From its longtime perch over East Hastings Street to its new home in the Museum’s permanent collection, the Blue Eagle Cafe sign tells a fascinating story about both the history of neon in Vancouver and the Downtown Eastside’s long and steady decline.
The Blue Eagle Cafe opened at 130 E. Hastings St. in 1944. It was a simple neighbourhood spot, serving Canadian and Chinese fare in a thriving stretch of downtown. The iconic neon sign would have been added a few years after the opening, as the ongoing Second World War brought restrictions to the availability and use of sheet metal used in neon-sign production.
By the 1950s, the Downtown Eastside was becoming the epicentre of the city’s drug trade and the Blue Eagle would earn a reputation as a place to score heroin. In 1999, the cafe lost its business license as a part of a City Hall crackdown on “problem premises”—and foreshadowing what would happen at the nearby Only Sea Foods (sic) restaurant last year (read our blog post on that unfortunate story here). The cafe became a convenience store; a cheap sign for “R&R Convenience” was erected beneath the cerulean-blue neon.

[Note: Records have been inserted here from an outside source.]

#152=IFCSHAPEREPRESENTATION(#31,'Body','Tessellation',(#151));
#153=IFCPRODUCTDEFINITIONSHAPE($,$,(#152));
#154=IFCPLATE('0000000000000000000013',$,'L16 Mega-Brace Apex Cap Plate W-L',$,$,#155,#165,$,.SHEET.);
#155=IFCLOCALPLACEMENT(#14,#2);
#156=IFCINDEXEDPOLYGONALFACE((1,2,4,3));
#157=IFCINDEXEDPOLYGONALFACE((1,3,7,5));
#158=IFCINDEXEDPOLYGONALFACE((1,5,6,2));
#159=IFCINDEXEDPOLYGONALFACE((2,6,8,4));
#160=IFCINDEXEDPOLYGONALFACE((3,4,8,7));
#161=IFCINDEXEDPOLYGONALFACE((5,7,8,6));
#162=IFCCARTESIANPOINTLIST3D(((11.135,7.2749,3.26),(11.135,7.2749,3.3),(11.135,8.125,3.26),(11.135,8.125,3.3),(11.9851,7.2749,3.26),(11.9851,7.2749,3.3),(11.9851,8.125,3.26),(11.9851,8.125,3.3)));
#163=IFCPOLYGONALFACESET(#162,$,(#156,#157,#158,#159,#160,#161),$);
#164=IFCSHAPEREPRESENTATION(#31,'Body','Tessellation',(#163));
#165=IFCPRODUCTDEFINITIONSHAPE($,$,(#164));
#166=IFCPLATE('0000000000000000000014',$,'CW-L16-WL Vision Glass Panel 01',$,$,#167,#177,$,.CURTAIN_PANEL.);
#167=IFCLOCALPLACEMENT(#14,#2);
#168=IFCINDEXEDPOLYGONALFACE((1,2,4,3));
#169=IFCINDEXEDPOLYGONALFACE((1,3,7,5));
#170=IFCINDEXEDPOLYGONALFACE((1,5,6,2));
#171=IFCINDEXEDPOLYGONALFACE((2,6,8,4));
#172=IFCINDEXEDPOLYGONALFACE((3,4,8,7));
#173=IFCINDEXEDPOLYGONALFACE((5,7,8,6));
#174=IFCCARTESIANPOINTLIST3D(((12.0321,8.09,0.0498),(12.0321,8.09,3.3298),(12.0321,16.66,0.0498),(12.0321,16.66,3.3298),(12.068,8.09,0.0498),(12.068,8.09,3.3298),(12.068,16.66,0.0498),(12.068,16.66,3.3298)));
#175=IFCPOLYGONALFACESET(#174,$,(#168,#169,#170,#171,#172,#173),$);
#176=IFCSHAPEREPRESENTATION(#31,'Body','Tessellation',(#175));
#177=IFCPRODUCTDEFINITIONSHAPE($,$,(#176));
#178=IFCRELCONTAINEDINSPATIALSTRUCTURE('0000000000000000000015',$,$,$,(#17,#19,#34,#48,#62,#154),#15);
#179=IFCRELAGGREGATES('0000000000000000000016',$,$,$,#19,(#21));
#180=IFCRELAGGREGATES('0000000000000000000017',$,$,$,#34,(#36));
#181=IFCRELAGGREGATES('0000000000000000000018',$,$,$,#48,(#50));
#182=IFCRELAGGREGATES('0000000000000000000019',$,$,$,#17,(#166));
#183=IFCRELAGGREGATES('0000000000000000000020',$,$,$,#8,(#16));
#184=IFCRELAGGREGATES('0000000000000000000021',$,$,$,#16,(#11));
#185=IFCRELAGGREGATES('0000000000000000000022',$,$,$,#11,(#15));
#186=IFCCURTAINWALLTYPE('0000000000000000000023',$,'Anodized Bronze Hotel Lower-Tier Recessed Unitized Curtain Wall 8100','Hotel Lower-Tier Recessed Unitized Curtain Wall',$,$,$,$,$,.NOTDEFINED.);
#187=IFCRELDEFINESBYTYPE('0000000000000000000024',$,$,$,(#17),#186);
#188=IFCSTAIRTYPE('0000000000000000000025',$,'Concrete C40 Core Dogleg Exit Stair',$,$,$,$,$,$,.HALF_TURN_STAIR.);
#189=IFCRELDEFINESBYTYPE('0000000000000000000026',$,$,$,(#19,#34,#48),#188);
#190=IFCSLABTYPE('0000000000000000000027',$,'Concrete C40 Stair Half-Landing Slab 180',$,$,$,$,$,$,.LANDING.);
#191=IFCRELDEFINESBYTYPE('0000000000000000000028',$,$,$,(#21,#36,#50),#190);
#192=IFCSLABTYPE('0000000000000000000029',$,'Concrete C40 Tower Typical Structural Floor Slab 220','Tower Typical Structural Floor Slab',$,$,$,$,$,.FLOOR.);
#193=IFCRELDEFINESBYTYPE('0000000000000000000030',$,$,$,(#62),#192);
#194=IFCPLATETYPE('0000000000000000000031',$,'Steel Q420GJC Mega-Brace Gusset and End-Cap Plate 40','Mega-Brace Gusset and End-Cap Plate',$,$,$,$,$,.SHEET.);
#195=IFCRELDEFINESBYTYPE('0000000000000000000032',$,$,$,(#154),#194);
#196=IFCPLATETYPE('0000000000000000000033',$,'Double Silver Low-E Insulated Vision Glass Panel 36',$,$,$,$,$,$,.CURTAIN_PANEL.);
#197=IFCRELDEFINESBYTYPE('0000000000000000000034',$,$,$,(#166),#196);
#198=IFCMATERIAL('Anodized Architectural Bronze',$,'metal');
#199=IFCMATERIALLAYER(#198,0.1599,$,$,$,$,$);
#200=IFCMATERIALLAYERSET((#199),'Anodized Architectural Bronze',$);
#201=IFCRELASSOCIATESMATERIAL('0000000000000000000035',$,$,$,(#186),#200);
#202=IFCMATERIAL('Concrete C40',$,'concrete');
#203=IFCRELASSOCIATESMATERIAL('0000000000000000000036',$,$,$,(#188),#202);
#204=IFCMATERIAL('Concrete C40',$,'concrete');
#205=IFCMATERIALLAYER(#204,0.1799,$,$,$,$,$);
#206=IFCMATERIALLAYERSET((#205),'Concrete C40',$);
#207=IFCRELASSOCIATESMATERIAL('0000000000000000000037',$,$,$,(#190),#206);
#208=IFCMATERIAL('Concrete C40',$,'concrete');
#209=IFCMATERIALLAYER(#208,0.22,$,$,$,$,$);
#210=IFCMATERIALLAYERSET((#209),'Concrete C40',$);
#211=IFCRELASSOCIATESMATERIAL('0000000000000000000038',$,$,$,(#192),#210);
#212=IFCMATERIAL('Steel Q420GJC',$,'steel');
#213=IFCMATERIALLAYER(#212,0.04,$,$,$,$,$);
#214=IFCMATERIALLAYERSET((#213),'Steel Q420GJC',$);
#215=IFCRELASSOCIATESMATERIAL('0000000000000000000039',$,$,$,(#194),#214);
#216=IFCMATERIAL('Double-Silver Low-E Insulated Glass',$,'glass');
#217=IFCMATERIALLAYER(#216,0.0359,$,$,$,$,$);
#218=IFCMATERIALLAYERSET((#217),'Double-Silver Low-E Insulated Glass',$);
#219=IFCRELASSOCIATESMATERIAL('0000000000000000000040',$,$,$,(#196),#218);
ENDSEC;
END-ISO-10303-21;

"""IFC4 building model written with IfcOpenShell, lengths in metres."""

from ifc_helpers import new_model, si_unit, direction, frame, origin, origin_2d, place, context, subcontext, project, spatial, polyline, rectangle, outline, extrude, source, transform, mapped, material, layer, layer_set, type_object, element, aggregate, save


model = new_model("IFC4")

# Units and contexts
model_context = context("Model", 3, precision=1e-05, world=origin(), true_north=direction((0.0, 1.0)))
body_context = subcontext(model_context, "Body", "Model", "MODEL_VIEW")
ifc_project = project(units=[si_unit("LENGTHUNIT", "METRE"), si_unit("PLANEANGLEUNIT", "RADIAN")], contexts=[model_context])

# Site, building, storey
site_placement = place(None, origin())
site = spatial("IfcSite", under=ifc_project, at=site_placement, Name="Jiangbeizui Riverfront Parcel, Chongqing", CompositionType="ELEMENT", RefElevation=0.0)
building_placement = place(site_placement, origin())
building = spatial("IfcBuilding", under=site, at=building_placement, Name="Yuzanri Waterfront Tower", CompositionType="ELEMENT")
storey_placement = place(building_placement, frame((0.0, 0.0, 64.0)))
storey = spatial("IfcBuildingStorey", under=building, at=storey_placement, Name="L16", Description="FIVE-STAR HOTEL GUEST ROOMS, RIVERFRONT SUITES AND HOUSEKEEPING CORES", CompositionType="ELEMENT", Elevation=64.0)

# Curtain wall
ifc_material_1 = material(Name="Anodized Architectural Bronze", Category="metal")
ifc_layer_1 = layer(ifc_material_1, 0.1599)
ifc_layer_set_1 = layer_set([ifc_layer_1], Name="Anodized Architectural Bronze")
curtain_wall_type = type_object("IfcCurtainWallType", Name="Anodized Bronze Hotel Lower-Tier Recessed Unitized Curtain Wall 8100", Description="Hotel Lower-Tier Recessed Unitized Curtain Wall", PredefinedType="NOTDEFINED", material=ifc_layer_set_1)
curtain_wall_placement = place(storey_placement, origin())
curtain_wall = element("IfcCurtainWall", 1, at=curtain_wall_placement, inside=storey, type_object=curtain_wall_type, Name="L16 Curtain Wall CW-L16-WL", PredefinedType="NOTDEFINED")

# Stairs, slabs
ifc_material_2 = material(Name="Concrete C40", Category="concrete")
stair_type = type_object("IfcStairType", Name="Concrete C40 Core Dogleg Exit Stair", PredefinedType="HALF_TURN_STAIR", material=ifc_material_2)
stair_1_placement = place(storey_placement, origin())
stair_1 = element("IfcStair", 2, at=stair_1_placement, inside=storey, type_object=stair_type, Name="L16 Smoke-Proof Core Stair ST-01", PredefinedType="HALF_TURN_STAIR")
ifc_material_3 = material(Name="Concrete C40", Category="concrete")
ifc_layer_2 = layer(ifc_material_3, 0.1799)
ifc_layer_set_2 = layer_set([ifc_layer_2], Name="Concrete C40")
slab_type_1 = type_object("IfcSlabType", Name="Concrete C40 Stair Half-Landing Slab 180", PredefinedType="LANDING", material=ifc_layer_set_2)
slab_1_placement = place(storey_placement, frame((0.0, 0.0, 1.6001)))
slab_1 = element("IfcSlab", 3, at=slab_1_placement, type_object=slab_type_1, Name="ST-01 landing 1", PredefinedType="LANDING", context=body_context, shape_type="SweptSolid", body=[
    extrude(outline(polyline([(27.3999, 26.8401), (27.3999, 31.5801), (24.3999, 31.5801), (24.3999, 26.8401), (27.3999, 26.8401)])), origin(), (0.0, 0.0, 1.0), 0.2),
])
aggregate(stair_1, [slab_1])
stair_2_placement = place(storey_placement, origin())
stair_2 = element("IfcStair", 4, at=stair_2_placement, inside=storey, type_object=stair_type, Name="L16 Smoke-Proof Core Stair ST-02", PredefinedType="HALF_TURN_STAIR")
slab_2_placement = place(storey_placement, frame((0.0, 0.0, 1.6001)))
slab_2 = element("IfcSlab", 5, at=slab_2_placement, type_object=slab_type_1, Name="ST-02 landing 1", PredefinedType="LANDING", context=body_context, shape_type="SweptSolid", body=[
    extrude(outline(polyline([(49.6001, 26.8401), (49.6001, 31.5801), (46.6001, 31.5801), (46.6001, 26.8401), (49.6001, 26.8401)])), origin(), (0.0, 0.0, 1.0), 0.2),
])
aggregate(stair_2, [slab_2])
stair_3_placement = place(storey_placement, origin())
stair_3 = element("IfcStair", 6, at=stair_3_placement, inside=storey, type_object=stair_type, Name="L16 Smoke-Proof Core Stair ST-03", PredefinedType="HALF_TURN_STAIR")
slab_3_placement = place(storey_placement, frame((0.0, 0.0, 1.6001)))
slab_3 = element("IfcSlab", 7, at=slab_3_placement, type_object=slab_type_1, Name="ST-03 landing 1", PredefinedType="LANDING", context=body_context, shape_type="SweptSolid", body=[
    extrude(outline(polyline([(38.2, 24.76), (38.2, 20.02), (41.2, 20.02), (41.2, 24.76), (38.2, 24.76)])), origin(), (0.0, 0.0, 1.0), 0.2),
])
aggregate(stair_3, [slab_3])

The old sign remained, awaiting a move into the Pantages Theatre next door. Property owner Marc Williams had put forward a plan to restore the 1908 vaudeville theatre and install the sign in the lobby. When those plans fell through in December, Williams generously offered to donate the sign to the Museum, where it recently arrived. It is now in storage awaiting restoration work that will be done in time for a new neon gallery that will open in the fall of 2011.
The design of the Blue Eagle sign is significant, says Joan Seidl, the museum’s director of collections and exhibitions. “It embodies the history of neon and the challenges to it with neon on the bottom and a plastic sign on top.” She believes the back-lit plastic upper section was added in the 1970s. The sign joins another important piece of Blue Eagle Cafe history. In 2001, the Museum acquired a painted-glass sign that once hung in the front window to obscure sight lines into the long-troubled spot. With this latest acquisition, we’ll keep it from becoming just a memory.